You must wake up with sorrow.
You must speak to it till your voice
catches the thread of all sorrows
and you see the size of the cloth.
Then it is only kindness that makes sense anymore,
only kindness that ties your shoes
and sends you out in to the day to mail letters and purchase bread,
only kindness that raises its head from the crowd of the world to say
It is I you have been looking for,
and then goes with you everywhere
like a shadow or a friend.
Sermon:
Martha Beck tells a remarkable
story in her book, Expecting Adam. She and her husband John were both
Harvard PhD students, striving to excel in an intensely competitive environment.
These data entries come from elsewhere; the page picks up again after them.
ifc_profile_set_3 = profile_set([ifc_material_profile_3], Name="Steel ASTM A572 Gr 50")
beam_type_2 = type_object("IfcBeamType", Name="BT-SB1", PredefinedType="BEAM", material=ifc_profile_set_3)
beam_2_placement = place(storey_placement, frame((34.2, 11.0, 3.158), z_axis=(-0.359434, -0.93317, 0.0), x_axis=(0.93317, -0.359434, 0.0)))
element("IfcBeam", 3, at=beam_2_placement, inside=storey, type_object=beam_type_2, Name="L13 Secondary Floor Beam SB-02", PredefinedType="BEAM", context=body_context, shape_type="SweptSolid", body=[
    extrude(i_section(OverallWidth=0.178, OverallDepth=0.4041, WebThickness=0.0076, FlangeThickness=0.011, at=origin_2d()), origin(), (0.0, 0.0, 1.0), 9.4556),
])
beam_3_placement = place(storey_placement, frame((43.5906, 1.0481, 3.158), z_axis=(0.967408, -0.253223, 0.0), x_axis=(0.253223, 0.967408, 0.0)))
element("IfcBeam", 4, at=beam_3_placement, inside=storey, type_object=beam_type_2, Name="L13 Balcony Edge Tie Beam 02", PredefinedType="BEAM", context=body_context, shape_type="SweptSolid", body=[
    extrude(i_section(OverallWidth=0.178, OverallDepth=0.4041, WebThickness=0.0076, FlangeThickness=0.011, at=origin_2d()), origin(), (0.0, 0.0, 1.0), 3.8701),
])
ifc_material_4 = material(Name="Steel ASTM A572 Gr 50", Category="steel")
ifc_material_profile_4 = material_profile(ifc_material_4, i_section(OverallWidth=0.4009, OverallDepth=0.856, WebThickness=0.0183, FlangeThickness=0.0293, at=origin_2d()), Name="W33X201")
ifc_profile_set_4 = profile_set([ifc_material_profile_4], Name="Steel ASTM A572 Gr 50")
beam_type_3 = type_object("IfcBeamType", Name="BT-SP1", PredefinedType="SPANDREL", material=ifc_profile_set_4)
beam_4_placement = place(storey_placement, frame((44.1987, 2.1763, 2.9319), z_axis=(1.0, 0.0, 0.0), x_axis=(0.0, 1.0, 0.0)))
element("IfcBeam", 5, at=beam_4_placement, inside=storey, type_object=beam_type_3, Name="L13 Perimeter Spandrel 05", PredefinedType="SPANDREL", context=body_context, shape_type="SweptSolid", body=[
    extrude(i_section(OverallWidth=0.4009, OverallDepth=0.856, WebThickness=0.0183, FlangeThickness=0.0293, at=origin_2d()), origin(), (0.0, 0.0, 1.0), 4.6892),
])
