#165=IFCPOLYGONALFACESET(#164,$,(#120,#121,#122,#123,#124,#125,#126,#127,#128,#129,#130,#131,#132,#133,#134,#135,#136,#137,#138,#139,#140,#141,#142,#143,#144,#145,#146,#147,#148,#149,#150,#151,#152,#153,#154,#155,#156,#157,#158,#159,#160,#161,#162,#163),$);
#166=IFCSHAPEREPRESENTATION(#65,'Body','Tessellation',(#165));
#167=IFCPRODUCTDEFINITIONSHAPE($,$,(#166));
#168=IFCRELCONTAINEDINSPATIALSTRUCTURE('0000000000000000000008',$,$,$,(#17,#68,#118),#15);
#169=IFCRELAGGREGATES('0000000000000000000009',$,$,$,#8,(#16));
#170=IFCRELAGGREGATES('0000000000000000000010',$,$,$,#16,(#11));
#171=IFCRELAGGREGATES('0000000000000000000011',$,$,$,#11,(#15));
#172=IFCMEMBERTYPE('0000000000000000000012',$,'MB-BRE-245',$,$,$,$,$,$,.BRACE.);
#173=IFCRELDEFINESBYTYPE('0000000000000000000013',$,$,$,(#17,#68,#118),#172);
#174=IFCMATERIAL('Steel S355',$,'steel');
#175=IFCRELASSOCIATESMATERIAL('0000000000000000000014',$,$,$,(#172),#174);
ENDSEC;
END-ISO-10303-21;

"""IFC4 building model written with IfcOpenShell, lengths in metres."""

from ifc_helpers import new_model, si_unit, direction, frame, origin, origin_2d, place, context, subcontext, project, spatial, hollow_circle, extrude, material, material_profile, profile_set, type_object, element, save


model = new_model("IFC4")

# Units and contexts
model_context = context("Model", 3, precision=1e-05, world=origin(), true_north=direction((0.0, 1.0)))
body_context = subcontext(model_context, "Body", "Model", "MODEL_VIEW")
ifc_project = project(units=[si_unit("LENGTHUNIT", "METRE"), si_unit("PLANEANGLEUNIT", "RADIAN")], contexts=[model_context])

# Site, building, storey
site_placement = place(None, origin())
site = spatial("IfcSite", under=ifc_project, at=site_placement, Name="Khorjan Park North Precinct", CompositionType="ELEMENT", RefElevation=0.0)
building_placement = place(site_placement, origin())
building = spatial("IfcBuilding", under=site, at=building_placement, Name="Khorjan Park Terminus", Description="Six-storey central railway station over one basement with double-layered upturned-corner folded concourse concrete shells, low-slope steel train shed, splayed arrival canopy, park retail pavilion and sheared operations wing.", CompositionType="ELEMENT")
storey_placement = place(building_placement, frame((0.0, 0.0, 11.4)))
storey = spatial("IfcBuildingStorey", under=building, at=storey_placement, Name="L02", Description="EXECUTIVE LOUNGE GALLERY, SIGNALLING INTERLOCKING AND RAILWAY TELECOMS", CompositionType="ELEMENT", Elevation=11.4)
Martha says that fellow scholars often looked upon them suspiciously because
they had a child so young in their lives. Since she was pursuing feminist
studies, she found this especially ironic. It was tough. Martha was pushed to
her limits by attempting to fulfill the roles of both mother and student with
Ivy League dedication. And then something unexpected happened. She got pregnant
with a second child, and this pregnancy brought extreme nausea and dehydration
unlike anything she had with her first child. Just when Martha and John felt
their lives had reached their most chaotic point, they learned their unborn baby
had Down Syndrome. Friends, colleagues, and family were all in agreement about
what they needed to do. It was entirely beyond reason and beyond their
community’s comprehension why Martha and John elected to keep bring the
pregnancy to term.
Life
offers up great challenges at unexpected moments. At some point or another, we
all must face such challenges where we don’t know where to go or what to do.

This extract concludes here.